Not bad! We have a 96 point lightcurve!


In [21]:
df_lc.band.value_counts()


Out[21]:
G     36
RP    33
BP    31
Name: band, dtype: int64

In [22]:
gi = df_lc.band == 'G'
plt.plot(df_lc.time[gi], df_lc.flux[gi], '.')


Out[22]:
[<matplotlib.lines.Line2D at 0x105cea6a0>]

The Gaia photometry is taken over 500 days! The mean starspot coverage fraction is not expected to be coherent over such large timescales. There's a portion of the data that is taken contiguously.
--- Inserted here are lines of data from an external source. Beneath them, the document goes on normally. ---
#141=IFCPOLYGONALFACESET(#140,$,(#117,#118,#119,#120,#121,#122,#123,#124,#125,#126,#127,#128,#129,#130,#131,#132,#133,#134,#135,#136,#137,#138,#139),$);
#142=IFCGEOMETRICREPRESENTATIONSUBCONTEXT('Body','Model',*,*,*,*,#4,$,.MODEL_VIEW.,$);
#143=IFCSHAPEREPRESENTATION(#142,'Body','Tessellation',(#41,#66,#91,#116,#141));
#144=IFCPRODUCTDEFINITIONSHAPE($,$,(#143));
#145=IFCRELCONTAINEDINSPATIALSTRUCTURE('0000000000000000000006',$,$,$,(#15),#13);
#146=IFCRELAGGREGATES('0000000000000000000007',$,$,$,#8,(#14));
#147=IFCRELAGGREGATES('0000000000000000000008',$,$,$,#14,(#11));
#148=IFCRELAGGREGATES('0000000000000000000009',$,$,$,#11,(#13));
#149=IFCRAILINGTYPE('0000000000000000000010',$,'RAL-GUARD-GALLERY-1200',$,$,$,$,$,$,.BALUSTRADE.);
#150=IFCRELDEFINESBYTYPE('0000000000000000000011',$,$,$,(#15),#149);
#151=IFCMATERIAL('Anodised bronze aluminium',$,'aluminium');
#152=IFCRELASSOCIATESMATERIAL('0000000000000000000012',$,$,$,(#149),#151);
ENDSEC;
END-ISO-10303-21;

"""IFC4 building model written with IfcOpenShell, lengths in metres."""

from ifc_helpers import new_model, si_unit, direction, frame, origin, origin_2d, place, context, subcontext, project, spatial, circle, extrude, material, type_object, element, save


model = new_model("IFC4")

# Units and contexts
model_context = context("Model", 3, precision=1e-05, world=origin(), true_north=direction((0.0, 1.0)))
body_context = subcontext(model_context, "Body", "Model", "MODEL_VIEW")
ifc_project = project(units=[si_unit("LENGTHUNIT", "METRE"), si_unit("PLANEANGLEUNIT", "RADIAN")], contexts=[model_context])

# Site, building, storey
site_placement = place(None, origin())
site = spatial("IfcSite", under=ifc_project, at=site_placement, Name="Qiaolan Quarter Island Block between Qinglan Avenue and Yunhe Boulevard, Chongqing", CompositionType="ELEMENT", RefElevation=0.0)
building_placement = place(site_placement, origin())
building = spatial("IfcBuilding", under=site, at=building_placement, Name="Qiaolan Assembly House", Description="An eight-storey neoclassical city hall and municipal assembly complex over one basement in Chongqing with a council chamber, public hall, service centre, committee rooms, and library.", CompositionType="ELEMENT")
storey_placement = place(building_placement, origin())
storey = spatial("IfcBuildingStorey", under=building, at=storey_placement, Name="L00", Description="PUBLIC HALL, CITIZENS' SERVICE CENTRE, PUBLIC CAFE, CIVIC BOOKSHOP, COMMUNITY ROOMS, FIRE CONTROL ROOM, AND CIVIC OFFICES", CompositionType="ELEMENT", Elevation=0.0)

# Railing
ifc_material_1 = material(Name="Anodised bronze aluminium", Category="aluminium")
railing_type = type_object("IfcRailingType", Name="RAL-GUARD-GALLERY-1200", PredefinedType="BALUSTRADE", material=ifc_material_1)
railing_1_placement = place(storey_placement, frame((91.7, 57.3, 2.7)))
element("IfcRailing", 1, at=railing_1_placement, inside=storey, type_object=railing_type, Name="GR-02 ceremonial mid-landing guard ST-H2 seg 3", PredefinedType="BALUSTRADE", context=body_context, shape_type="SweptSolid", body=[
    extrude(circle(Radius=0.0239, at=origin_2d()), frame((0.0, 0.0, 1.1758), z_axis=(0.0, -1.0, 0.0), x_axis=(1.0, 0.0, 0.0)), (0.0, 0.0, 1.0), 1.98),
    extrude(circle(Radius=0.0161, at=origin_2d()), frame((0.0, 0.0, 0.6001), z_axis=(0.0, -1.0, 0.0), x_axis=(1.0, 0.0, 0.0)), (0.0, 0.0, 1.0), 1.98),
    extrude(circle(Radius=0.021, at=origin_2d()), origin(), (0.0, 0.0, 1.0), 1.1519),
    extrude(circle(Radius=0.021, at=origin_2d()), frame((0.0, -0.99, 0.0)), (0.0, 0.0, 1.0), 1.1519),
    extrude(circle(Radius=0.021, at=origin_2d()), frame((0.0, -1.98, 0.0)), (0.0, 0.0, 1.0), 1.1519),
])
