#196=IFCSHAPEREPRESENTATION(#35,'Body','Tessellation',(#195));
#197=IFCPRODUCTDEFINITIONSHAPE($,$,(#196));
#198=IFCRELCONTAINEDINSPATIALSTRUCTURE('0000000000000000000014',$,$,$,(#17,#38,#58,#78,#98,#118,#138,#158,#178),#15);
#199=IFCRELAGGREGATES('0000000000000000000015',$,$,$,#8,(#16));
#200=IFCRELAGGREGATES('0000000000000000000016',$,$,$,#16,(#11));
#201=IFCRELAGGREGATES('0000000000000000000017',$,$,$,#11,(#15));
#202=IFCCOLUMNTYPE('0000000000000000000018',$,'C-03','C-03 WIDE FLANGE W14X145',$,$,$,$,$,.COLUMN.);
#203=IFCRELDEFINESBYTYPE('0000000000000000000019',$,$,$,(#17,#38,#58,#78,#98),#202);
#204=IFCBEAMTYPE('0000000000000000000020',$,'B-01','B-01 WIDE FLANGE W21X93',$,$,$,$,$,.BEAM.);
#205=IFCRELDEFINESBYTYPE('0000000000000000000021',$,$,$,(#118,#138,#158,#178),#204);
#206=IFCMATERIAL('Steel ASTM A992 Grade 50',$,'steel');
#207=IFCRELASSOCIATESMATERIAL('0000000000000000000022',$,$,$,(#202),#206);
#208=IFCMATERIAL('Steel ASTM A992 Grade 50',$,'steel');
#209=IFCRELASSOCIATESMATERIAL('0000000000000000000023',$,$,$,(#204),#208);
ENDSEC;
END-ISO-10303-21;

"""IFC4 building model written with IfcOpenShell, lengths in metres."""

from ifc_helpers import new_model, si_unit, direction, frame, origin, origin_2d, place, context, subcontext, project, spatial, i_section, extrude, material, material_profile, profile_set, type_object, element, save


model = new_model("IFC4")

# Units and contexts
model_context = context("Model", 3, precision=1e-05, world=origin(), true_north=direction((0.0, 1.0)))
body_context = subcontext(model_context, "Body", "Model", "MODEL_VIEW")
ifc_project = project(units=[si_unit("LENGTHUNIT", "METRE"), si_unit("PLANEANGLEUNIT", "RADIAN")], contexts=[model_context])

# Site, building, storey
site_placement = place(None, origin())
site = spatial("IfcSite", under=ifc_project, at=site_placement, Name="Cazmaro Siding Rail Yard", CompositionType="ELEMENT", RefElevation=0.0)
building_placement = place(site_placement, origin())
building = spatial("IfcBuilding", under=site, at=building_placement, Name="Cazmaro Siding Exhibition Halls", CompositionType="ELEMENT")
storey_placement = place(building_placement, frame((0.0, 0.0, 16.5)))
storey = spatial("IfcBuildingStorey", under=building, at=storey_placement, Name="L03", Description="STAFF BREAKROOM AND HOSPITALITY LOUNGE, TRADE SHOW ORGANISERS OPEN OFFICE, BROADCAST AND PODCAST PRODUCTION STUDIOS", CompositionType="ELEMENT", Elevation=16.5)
Let's highlight those.


In [23]:
plt.plot(np.mod(df_lc.time[gi], gaia_period), df_lc.flux[gi], '.')
alt = gi & (df_lc.time >1900) & (df_lc.time<1950)
plt.plot(np.mod(df_lc.time[alt], gaia_period), df_lc.flux[alt], 'o')


Out[23]:
[<matplotlib.lines.Line2D at 0x10f36d978>]

Seems plausible...


In [24]:
30.0*4000


Out[24]:
120000.0

In [25]:
from lightkurve import KeplerTargetPixelFile

In [26]:
tpf = KeplerTargetPixelFile.from_archive(k2_source)


Found 1 File(s)
INFO: Found cached file ./mastDownload/K2/ktwo211059767-c04_lc/ktwo211059767-c04_lpd-targ.fits.gz with expected size 3808135. [astroquery.query]

In [27]:
k2_lc = tpf.to_lightcurve()
k2_lc = k2_lc[(k2_lc.flux == k2_lc.flux) & np.isfinite(k2_lc.flux) & (k2_lc.flux_err == k2_lc.flux_err)]
tpf.interact(lc=k2_lc)


Loading BokehJS ...

The full K2 postage stamp contains another source, which would have easily been separated in Gaia.


In [28]:
# %load https://www.astroml.org/gatspy/periodic/lomb_scargle-1.py

In [29]:
from gatspy import periodic

In [30]:
model = periodic.LombScargle()
model.optimizer.period_range = (0.5, 1)
model.fit(k2_lc.time, k2_lc.flux, k2_lc.flux_err)


Out[30]:
<gatspy.periodic.lomb_scargle.LombScargle at 0xa16a07400>

In [31]:
periods = np.linspace(0.5, 1, 10000)

import warnings
with warnings.catch_warnings():
    warnings.simplefilter("ignore")
    scores = model.score(periods)

# Plot the results
fig, ax = plt.subplots(figsize=(8, 3))
fig.subplots_adjust(bottom=0.2)
ax.plot(periods, scores)
ax.set(xlabel='period (days)', ylabel='Lomb Scargle Power')


Out[31]:
[Text(0,0.5,'Lomb Scargle Power'), Text(0.5,0,'period (days)')]

In [32]:
model.best_period


Finding optimal frequency:
 - Estimated peak width = 0.0886
 - Using 5 steps per peak; omega_step = 0.0177
 - User-specified period range:  0.5 to 1
 - Computing periods at 356 steps
Zooming-in on 5 candidate peaks:
 - Computing periods at 1000 steps
/Users/obsidian/anaconda3/lib/python3.6/site-packages/gatspy/periodic/_least_squares_mixin.py:79: RuntimeWarning: divide by zero encountered in true_divide
  P = chi2_0_minus_chi2 / chi2_ref
Out[32]:
1.002829744214618

Gaia has 0.771791, close!


In [33]:
plt.plot(np.mod(df_lc.time[gi], 0.7779122), df_lc.flux[gi], '.')


Out[33]:
[<matplotlib.lines.Line2D at 0xa16b5a0f0>]

Maybe slightly better coherence than the Gaia-based estimate.